Rosemary Orange Shortbread Cookies
Cooking time
Preparation time
Servings

Ingredients
- 2 cups all purpose flour
- 3/4 teaspoon salt
- 1 tablespoon crushed dried rosemary leaves
- 2 teaspoons dried orange peel *
- 1 cup Flora™ Plant Butter Unsalted
- 1/2 cup confectioners' sugar
- 1 teaspoon vanilla extract
Energy (kcal) | 2798 kcal |
Energy (kJ) | 11705 kJ |
Protein (g) | 26.4 g |
Carbohydrate incl. fibre (g) | 255.9 g |
Carbohydrate excl. fibre (g) | 247.3 g |
Sugar (g) | 59.9 g |
Fibre (g) | 8.6 g |
Fat (g) | 186.2 g |
Saturated fat (g) | 35.1 g |
Unsaturated fat (g) | 144.8 g |
Monounsaturated fat (g) | 88.6 g |
Polyunsaturated fat (g) | 56.3 g |
Trans fat (g) | 33.8 g |
Cholesterol (mg) | 0 mg |
Sodium (mg) | 1757 mg |
Salt (g) | 4.38 g |
Vitamin A (IU) | 8241 IU |
Vitamin C (mg) | 7.9 mg |
Calcium (mg) | 95 mg |
Iron (mg) | 4.11 mg |
Potassium (mg) | 356 mg |
Instructions
- Preheat oven to 350F°. Line 2 rimmed baking sheets with parchment paper. Combine flour and salt in medium bowl; set aside. Combine rosemary and orange peel; remove 2 teaspoons rosemary mixture and reserve for topping.

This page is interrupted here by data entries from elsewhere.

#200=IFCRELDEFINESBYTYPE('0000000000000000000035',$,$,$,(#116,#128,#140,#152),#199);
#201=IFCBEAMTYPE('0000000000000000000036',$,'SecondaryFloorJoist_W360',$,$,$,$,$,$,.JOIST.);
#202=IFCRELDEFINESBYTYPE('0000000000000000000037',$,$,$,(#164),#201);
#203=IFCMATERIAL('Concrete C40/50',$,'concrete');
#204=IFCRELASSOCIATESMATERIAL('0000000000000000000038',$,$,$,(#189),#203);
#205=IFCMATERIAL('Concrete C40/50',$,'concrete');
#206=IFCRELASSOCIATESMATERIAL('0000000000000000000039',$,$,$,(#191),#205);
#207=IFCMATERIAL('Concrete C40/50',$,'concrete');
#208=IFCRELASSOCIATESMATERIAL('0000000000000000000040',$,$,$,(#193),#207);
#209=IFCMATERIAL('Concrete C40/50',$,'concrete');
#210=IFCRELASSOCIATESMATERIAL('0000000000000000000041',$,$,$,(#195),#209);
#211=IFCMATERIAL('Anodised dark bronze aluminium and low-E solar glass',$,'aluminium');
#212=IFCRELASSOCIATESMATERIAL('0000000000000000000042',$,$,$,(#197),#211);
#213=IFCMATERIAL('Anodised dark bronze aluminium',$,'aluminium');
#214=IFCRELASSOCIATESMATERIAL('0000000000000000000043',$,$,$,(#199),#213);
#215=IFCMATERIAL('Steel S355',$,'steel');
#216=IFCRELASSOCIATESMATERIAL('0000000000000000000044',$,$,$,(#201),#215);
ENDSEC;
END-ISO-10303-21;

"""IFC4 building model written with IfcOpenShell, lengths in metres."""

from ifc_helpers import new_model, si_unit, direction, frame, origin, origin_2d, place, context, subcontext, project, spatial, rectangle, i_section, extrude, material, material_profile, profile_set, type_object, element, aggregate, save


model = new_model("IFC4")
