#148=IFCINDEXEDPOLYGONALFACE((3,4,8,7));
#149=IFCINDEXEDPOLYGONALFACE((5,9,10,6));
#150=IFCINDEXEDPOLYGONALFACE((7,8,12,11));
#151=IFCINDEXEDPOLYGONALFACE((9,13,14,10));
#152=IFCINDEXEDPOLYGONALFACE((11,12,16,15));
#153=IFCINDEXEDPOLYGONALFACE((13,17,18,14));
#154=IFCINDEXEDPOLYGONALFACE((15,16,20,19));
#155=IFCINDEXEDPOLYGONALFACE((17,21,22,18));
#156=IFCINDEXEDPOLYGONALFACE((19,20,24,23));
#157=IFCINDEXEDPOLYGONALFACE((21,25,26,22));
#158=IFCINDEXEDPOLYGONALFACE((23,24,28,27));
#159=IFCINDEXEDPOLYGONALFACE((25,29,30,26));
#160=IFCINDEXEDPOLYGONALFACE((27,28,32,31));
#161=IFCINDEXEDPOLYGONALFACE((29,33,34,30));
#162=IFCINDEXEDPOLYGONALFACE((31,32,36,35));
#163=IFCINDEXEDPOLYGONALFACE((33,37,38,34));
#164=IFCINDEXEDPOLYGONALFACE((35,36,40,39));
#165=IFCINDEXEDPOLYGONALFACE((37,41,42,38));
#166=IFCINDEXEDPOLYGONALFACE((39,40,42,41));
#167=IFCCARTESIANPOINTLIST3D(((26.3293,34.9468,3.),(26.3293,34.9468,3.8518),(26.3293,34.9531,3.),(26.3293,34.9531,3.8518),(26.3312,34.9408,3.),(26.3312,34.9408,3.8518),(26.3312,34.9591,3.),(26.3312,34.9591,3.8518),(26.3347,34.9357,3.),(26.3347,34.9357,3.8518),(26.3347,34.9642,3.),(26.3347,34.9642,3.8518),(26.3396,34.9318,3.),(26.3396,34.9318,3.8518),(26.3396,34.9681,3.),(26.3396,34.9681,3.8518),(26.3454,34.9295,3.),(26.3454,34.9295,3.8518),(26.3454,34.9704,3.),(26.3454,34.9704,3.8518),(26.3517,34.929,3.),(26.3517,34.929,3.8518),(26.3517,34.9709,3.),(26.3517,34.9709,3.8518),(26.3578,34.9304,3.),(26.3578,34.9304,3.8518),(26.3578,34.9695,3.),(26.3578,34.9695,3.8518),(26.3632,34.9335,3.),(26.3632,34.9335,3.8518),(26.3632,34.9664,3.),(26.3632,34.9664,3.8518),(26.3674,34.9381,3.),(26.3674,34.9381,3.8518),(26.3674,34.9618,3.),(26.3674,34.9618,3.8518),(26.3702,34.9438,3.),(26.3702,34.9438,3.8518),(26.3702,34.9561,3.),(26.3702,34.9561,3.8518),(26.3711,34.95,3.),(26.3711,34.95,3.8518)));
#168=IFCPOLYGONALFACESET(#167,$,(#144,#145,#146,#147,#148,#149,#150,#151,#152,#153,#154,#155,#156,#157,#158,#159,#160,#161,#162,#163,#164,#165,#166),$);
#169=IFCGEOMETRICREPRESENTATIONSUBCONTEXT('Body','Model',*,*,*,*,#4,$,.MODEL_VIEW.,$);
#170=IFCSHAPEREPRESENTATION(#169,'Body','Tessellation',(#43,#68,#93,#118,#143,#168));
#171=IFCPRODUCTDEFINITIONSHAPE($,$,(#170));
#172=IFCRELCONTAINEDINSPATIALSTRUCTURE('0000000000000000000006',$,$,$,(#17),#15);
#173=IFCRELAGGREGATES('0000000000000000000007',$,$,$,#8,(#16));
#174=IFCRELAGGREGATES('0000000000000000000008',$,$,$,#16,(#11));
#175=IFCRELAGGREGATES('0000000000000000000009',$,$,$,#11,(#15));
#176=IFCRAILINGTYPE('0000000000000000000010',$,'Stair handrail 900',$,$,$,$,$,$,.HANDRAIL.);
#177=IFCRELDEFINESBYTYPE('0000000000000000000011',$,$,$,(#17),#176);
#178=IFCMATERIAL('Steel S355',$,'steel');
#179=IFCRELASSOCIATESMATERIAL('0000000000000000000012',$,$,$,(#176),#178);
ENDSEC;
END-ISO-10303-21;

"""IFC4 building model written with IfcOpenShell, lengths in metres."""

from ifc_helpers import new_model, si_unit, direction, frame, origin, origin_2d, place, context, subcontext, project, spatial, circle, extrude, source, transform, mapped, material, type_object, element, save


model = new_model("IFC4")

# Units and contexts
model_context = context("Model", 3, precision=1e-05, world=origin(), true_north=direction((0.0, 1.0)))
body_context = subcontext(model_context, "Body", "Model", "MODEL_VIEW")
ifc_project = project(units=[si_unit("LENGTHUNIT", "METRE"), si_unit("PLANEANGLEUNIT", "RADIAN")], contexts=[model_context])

- Beat Flora Plant Butter in large bowl with electric mixer until fluffy, about 3 minutes. Beat in confectioners’ sugar, rosemary and orange peel mixture and vanilla until pale and fluffy, scraping down sides of bowl occasionally, about 2 minutes. Beat in flour mixture on low speed just until blended and dough sticks together when pinched with fingers.
- Roll dough into 1-inch balls with lightly floured hands and arrange on prepared baking sheets, 2 inches apart. Use a flat bottom glass or cup dipped in flour, to gently flatten each ball to 1/4-inch thickness. Lighly sprinkle reserved rosemary mixture over cookies.
- Bake 12 to 14 minutes or until firm and golden on bottoms. Cookies should be pale on top. Cool 2 minutes on wire rack; remove from baking sheets and cool completely.